I'm with kimballd. Change the style.


----------



## woodbutcherbynight (Oct 21, 2011)

Use an old picket as template and make a jig for your router. Rough cut with the bandsaw or jigsaw and finish up with router.

Had to replace a few with that odd angle cuts on both sides and flat top, did about 30. Worked fine and was not that bad time wise once the order of cuts was set. Do 10-15 a night and in a week this is done.

My neighbor watched with great interest as I went 12 feet at time across my backyard replacing fence post and pickets. 110 feet worth took me about a month. Take in mind I screwed every picket 2 top, 2 middle and two bottom the entire way and added post between the post. Sure took me longer but every few days we had another 12 feet of completed fence. Did the wall across the back yard same way. Fast I am not, getting the job done I did though!


----------



## MadMark (Jun 3, 2014)

Use a simple circle jig for the bandsaw. Its a long stick with a peg or pin. Making multiples should be trivial.

M


----------



## wormil (Nov 19, 2011)

I would make one then build a jig and use a router with flush cut bit.


----------



## larsgregersen (Apr 1, 2017)

Thank you very much for your replies.

I can't change the type due to the local codes. The houses in our neighbouhood are 102 years old (exactly) and must follow some rules in order to have similar appearance.

I'll see if I can make a jig for my bandsaw. I don't think it'll be easy since I have to do a full semi-circle and hence have to rotate the pickets a semi-circle. Using the bandsaw will be faster though so I'll give it a try

I have made a jig for my hand held router. It works and with a little practice the end result will look nice. Do any of you think it'll be better to mount the router i a table and make a jig for that?

Thanks
Lars


----------



## wormil (Nov 19, 2011)

Attach a pattern with double side tape if using a router table.


----------



## MrSmith670 (Jan 26, 2014)

My brother in law cut every single of his 246 pickets with a scroll saw. I showed him how to use a pattern and router but he's too dang stubborn. 3 years later still isnt completed. I vote router and pattern. Rough cut with a jig saw.


----------



## 000 (Dec 9, 2015)

I think it would be easiest to just mark them and cut them with a jig saw.


----------



## patron (Apr 2, 2009)

a quareter circle patern for the router
start on the right side from the tangent to circle
so router bit cuts into the top edge with grain
flip the board when you reach the top
so you don't have to cut 'down grain'
(which would 'tear' the left grain)
make all the boards the same length first
then a stop at the bottom
to register them the same

do one side at a time
all with the grain and router bit cutting direction working together

if they need to be shortened for a slope later
at least the tops are all equal radiuses the same


----------



## Tabletop (May 9, 2016)

Change design.
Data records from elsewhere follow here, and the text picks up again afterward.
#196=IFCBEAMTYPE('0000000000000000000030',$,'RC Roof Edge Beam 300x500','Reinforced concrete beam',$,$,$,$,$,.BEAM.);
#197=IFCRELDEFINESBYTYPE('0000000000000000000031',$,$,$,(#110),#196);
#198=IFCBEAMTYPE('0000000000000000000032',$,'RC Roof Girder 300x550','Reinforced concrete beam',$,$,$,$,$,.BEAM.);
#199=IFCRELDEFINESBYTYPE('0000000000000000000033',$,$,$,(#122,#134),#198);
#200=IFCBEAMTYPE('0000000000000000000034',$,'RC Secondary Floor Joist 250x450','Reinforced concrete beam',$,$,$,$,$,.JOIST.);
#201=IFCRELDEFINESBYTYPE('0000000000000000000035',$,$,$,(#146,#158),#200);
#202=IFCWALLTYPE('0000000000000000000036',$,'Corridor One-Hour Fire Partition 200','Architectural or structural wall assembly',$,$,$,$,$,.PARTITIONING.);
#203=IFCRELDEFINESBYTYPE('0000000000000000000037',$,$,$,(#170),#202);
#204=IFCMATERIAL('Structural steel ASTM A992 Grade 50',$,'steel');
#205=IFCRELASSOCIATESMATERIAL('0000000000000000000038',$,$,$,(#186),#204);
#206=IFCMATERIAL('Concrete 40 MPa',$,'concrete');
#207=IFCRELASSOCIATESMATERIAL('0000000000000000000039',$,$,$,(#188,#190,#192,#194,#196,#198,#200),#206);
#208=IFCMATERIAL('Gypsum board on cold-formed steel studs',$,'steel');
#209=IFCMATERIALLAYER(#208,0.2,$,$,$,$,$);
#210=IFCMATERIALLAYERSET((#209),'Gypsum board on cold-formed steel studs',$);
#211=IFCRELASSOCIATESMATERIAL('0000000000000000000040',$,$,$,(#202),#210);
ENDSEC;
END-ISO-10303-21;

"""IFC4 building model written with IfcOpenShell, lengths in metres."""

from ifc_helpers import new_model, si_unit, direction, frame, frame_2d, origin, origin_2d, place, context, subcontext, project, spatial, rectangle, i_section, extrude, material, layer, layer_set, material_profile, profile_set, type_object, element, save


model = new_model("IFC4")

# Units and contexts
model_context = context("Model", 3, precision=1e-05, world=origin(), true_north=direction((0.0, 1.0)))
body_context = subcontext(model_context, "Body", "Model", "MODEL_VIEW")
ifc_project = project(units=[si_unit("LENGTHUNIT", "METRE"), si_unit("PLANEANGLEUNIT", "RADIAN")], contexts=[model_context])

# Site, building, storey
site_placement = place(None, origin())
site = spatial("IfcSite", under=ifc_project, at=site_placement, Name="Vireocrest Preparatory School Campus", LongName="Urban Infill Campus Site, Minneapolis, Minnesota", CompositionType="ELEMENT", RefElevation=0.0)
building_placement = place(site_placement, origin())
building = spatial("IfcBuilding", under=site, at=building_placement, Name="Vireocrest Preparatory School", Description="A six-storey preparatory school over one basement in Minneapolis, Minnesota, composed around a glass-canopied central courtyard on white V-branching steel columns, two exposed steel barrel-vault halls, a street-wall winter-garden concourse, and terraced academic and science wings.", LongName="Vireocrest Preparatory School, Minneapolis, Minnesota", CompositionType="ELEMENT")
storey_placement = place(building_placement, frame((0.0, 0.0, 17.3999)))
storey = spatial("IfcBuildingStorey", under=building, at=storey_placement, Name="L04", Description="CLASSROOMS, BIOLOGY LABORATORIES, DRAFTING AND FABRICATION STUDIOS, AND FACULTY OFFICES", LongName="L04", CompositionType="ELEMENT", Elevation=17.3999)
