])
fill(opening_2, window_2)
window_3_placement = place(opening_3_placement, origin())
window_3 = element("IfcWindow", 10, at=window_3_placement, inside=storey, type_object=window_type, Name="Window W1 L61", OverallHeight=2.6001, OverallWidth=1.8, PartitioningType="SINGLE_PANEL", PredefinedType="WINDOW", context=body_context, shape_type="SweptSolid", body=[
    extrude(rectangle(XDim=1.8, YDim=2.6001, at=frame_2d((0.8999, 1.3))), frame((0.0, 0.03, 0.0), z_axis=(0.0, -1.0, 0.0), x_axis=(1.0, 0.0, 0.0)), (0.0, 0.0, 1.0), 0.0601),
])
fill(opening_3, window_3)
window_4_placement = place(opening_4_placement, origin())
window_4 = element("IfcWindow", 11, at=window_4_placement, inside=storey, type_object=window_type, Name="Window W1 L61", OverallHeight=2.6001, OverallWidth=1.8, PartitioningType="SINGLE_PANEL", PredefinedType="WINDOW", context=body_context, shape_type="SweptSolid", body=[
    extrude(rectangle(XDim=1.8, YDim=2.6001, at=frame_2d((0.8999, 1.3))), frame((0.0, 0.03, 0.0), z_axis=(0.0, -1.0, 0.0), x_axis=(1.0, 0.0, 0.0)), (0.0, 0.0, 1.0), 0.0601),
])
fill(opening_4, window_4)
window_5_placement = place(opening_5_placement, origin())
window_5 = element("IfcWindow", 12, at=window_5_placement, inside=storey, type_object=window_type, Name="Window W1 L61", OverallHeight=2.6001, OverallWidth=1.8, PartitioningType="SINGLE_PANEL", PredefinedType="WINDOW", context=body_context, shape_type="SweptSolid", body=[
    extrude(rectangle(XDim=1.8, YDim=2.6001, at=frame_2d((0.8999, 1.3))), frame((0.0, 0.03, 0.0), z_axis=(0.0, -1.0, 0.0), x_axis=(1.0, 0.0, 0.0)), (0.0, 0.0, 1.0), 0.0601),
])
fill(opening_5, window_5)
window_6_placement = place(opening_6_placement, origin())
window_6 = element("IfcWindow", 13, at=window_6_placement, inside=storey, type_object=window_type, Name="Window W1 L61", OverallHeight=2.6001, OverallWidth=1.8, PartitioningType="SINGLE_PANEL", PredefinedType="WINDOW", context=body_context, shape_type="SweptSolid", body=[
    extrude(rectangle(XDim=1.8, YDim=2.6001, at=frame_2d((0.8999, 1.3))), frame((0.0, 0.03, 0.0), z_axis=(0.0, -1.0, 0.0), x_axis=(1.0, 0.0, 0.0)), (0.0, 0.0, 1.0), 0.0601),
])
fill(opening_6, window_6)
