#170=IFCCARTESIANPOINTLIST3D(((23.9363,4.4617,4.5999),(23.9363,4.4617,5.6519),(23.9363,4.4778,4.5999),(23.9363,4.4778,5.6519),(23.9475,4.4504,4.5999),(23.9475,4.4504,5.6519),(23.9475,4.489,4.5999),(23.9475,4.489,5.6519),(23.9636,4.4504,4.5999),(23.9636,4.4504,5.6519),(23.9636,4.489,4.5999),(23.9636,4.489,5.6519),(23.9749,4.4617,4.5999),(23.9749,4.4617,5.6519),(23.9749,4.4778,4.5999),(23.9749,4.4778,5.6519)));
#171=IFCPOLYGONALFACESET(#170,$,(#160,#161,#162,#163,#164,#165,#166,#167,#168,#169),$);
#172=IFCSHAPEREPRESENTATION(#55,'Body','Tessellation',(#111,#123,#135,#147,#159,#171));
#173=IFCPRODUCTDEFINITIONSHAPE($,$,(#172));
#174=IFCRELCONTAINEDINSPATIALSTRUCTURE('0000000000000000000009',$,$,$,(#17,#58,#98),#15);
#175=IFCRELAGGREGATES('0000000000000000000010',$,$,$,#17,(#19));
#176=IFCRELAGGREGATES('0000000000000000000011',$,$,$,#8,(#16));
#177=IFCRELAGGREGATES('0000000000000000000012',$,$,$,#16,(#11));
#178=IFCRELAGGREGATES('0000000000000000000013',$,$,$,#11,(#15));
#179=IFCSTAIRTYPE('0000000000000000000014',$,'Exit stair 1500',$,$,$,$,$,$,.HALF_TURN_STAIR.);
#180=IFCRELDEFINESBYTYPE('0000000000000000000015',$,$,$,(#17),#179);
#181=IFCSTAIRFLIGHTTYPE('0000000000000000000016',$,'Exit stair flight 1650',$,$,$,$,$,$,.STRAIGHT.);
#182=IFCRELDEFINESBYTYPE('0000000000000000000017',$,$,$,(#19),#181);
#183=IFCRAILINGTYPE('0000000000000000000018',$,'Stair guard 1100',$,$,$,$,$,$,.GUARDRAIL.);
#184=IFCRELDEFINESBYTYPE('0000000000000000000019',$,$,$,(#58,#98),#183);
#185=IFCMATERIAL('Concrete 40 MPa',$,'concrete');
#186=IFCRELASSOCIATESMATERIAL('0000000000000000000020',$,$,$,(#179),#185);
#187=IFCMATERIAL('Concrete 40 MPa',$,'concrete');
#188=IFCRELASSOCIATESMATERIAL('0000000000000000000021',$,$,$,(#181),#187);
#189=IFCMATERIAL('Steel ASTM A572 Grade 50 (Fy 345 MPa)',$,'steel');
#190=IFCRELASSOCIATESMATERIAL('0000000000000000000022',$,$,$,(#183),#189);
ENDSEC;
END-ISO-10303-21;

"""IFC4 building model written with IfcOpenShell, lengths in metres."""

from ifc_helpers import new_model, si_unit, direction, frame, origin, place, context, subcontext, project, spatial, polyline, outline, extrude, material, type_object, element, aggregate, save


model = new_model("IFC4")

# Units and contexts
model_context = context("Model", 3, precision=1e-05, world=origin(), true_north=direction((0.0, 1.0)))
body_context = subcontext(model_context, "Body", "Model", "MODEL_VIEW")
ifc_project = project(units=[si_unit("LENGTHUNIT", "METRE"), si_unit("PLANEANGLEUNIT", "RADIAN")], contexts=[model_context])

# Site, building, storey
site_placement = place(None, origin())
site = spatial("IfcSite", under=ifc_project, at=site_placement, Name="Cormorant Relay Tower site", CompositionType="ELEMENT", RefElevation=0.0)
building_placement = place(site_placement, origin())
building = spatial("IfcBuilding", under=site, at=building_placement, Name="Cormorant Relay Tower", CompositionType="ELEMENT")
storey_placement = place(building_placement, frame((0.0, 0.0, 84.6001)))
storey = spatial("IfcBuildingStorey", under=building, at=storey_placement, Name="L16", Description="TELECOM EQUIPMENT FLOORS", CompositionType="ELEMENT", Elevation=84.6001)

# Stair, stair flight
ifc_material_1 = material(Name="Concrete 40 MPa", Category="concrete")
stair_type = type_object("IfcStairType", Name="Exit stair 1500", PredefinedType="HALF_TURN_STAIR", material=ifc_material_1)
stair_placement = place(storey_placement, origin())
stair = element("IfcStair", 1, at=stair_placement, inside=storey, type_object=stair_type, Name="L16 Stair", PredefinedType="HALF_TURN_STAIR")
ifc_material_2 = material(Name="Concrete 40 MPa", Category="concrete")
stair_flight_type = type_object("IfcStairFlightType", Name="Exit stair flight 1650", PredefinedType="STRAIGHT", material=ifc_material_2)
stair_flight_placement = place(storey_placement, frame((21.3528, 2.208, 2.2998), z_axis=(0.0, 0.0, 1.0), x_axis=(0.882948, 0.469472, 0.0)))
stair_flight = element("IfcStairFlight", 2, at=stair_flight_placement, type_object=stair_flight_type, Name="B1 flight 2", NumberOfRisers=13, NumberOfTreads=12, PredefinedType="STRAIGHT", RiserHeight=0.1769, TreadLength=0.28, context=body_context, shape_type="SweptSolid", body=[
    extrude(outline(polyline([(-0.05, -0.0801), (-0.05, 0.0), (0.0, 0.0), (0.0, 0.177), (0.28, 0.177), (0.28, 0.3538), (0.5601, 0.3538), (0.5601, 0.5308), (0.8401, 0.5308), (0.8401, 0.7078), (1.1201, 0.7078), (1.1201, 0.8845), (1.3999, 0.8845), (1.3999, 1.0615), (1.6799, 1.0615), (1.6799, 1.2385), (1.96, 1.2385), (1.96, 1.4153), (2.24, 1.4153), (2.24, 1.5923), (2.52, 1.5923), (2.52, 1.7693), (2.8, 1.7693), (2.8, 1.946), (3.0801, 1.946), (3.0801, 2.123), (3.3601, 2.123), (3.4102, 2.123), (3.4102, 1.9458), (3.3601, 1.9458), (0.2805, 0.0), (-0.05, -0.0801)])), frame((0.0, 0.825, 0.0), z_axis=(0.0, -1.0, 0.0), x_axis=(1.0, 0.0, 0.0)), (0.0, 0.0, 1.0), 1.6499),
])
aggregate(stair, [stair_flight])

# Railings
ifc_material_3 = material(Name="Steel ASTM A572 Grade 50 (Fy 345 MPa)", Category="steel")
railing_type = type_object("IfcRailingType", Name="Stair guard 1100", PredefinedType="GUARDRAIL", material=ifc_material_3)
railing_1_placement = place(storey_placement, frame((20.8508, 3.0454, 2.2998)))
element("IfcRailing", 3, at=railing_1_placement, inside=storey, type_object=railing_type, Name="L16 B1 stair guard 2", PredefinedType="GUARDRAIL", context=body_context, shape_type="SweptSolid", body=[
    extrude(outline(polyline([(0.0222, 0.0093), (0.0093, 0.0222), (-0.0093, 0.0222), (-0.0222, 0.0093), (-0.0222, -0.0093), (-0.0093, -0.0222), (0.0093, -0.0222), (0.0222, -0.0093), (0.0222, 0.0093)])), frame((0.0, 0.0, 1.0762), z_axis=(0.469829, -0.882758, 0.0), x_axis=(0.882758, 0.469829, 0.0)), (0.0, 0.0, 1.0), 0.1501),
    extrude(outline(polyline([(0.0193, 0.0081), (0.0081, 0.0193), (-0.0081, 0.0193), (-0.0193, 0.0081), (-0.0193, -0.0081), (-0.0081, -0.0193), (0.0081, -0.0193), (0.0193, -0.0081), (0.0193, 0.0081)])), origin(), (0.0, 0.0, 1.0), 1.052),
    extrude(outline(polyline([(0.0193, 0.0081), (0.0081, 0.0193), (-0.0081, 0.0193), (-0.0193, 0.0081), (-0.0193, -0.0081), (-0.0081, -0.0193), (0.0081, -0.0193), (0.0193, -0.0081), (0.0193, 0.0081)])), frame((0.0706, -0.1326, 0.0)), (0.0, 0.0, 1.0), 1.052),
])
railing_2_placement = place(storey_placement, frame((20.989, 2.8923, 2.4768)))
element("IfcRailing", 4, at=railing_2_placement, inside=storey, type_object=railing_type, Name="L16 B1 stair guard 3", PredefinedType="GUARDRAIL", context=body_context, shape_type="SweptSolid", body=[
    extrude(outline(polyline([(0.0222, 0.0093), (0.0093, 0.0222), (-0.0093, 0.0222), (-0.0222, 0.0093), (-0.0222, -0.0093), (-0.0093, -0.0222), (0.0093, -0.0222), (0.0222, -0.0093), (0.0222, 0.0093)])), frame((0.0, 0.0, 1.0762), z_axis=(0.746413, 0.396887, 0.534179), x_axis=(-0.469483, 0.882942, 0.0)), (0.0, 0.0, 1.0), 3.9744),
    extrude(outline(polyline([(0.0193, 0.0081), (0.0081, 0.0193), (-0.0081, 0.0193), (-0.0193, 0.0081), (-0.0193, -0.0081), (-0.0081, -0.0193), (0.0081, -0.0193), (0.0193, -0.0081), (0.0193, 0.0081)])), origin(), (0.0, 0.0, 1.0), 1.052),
Lol


----------



## larsgregersen (Apr 1, 2017)

> a quareter circle patern for the router
> start on the right side from the tangent to circle
> so router bit cuts into the top edge with grain
> flip the board when you reach the top
> ...


Great advice. I'll try this.

I have tried with my bandsaw and can't get a nice smooth tangent from the straight edge to the round edge. However, the round edge is much smoother than what I could do with the router. Using your tip about observing the grain direction may change that.

My newest idea is to use the bandsaw to create the round edge as close to a circle as I can get it and then use a belt sander (and a jig) to make the semi-circle perfect.

Lars


----------



## Kirk650 (May 8, 2016)

I think that I'd make a template and lay out the shape on each picket. Next, with a good jigsaw, I'd cut just outside the line. Next and last, I'd use a light trim router, the template, and a flush cut router bit. That seems to me to be the fastest way to do it 85 times.


----------